To compute our metric, we propagate exploit measures through the attack graph, from initial conditions to goal, according to conjunctive and disjunctive dependencies. When one exploit must follow another in a path, this means both are needed to eventually reach the goal (conjunction), so their measures are multiplied, i.e., p(A and B) = p(A)p(B). When a choice of paths is possible, either is sufficient for reaching the goal (disjunction), i.e., p(A or B) = p(A) + p(B) – p(A)p(B). Paths coming into an exploit may form arbitrary logical expressions. In such cases, we propagate exploit measures through corresponding conjunctive/disjunctive combinations. Also, we resolve any attack graph cycles through their distance from the initial conditions, and remove any parts of the graph that do not ultimately lead to the goal.
Our exploit measures could be Boolean variables, real numbers, or even probability distributions. Defining the actual measures (value or distribution) of each individual exploit is part of the ongoing effort of keeping our database of modeled exploits current. A number of vendors and open sources provide ongoing descriptions of reported vulnerabilities, which we can leverage for our model population.
- Jaquith, Security Metrics: Replacing Fear, Uncertainty, and Doubt, Addison Wesley, 2007.
- L. Wang, A. Singhal, S. Jajodia, "Measuring the Overall Security of Network Configurations using Attack Graphs," in Proceedings of the 21st IFIP WG 11.3 Working Conference on Data and Applications Security, Springer-Verlag, 2007.

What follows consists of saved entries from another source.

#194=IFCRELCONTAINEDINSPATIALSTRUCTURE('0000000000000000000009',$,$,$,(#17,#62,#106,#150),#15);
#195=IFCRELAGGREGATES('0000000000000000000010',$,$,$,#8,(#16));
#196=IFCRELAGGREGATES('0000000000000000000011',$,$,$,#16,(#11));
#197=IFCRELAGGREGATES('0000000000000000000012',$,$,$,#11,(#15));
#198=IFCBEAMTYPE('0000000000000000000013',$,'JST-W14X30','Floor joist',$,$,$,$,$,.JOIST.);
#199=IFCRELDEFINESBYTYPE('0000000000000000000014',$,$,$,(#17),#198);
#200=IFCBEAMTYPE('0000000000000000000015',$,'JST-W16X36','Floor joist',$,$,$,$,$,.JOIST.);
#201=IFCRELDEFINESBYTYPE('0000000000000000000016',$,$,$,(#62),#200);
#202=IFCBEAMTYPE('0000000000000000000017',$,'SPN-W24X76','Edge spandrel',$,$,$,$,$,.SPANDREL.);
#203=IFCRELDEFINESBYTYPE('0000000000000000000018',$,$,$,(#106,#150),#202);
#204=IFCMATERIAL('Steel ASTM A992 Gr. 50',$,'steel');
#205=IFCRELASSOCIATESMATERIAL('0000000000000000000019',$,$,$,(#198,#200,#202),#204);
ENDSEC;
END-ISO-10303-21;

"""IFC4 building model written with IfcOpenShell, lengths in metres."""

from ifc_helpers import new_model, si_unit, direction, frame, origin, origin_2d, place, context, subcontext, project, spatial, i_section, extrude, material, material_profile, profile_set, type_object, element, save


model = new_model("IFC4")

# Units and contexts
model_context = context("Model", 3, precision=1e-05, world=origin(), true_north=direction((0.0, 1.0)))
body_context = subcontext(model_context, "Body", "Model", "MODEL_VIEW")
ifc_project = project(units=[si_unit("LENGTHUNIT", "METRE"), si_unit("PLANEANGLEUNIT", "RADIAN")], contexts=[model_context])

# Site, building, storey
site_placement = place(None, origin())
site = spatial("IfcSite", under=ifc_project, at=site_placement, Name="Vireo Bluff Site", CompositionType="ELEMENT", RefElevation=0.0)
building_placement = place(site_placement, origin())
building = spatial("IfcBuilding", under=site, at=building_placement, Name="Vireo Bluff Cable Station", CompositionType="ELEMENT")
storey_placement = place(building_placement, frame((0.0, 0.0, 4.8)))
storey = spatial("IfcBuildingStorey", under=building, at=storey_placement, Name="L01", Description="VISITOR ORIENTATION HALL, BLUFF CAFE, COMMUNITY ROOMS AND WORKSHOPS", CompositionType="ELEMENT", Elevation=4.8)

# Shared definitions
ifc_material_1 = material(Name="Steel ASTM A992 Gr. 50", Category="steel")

- "Common Vulnerability Scoring System (CVSS)," Forum of Incident Response and Security Teams (FIRST), http://www.first.org/cvss/.
- L. Wang, T. Islam, T. Long, A. Singhal and S. Jajodia, "An Attack Graph Based Probablistic Security Metrics", In Proceedings of 22nd IFIP WG 11.3 Working Conference on Data and Application Security (DBSEC 2008), London, UK, July 2008.
- Singhal and S. Xou, "Techniques for Enterprise Network Security Metrics", Proceedings of 2009 Cyber Security and Information Intelligence Research Workshop, Oakridge National Labs, Oarkridge, April 2009.
- M. Frigault, L. Wang, A. Singhal and S. Jajodia, "Measuring Network Security Using Dynamic Bayesian Network", In 2008 ACM Workshop on Quality of Protection, October 2008.